If you decide to hole out but your opposition find your first ball before you do so, again, the first ball must be played and prov picked up.
You cannot just say, the first ball is lost, I'm playing the second.


----------



## In_The_Rough (Mar 1, 2012)

I think you can just leave the ball and not bother looking for it. However if you playing partners or a spectator finds the ball within 5 minutes of them starting the search you must play the original ball. However if you get onto the green and tap in the put before the original ball is found then the provisional ball counts. I think this is correct stand corrected if it isn't though


----------



## HomerJSimpson (Mar 1, 2012)

You can't declare it lost. You don't have to look for it but if your partner thinks he's found it you can't refuse to identify it and if it yours it has to be played. Best to try and get up to the green and hole the provisional before anyone can find the first one


----------



## sawtooth (Mar 1, 2012)

Yes you can but dont declare it as a provisional ball. It will automatically be 3 off the tee and the original is then out of play because you played another without declaring it a provisional ball.


----------



## HawkeyeMS (Mar 1, 2012)

freddielong said:



			you can not look for it yes, but you cannot declare it lost if you were playing match play your opponent could look for it find it and you would have to play it
		
Click to expand...

This, although it isn't just matchplay when your opponent could look for and find your ball. There are certain situations that would make the original ball lost. Amongst the, not declaring the second tee shot a provisional, Playing a shot with you provisional from a point beyond where you believe the original would be and not finding the ball after 5 minutes of looking.


----------



## duncan mackie (Mar 1, 2012)

as freddielong says

basically it becomes lost once 5 mins have passed without you finding it, or you play your provisional from a position nearer the hole ie you putt!
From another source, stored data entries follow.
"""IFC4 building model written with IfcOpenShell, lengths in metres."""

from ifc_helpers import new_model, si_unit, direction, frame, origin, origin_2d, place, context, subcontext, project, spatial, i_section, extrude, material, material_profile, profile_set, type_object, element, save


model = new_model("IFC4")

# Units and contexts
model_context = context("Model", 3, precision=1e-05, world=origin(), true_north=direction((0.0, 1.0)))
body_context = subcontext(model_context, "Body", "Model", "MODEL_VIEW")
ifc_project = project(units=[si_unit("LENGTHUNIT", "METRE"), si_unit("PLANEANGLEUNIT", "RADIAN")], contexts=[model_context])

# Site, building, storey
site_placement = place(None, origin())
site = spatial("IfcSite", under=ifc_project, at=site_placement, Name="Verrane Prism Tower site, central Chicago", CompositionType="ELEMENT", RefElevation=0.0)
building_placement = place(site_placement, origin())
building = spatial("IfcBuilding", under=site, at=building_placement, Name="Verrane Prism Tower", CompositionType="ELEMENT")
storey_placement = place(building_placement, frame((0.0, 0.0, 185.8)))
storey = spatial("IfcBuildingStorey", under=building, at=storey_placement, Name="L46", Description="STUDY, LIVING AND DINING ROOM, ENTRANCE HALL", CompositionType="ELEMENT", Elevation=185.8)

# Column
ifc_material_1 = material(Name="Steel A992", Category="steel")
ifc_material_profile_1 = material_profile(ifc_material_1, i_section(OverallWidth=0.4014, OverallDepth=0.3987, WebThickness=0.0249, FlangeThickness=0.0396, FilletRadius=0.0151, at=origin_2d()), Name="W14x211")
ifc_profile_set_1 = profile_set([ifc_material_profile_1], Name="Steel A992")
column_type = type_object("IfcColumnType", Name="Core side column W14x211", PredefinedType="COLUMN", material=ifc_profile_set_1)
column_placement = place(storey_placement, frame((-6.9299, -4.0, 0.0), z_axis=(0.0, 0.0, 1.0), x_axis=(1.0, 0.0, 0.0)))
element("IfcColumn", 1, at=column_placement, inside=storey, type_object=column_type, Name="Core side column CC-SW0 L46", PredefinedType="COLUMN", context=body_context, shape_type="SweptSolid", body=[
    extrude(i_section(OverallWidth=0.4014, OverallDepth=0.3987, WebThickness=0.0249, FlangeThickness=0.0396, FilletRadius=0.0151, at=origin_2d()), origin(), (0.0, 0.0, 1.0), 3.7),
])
if your fellow competitor, or opponent, finds your ball before the above then you are required to identify it, and if it's yours the provisional ball is out of play.


----------



## bobmac (Mar 1, 2012)

The only problem is you can't play out of turn


----------



## NervousShankaholic (Mar 1, 2012)

ok so scenario could be...find ball in the gorse, unable to get relief with 2 club lengths or line of sight with the pin due to OB or continuation of gorse on that side...so would discard provisional and walk back to the tee and be playing 3rd shot again...is this correct


----------



## bobmac (Mar 1, 2012)

NervousShankaholic said:



			ok so scenario could be...find ball in the gorse, unable to get relief with 2 club lengths or line of sight with the pin due to OB or continuation of gorse on that side...so would discard provisional and walk back to the tee and be playing 3rd shot again...is this correct
		
Click to expand...

Yes


----------



## BTatHome (Mar 1, 2012)

sawtooth said:



			Yes you can but dont declare it as a provisional ball. It will automatically be 3 off the tee and the original is then out of play because you played another without declaring it a provisional ball.
		
Click to expand...

Good answer, but not to the question/scenario asked


----------



## MashieNiblick (Mar 1, 2012)

bobmac said:



			The only problem is you can't play out of turn  

Click to expand...

Pulling our legs again Bob! 

Decsion 27-2b/1 Continuation of Play with Provisional Ball Without Searching for Original Ball


----------



## NervousShankaholic (Mar 1, 2012)

sawtooth must be correct if you dont declare it as a provisional your first ball is out of play , but you run the risk of doing the same thing again



BTatHome said:



			Good answer, but not to the question/scenario asked 

Click to expand...


----------



## sawtooth (Mar 1, 2012)

NervousShankaholic said:



			ok so scenario could be...find ball in the gorse, unable to get relief with 2 club lengths or line of sight with the pin due to OB or continuation of gorse on that side...so would discard provisional and walk back to the tee and be playing 3rd shot again...is this correct
		
Click to expand...

Perfectly OK. You can always go back to play your shot again from where it was played under the penalty of 1 stroke. But as you say you have to discard the provisional and hit another ball, this time your 3rd shot proper.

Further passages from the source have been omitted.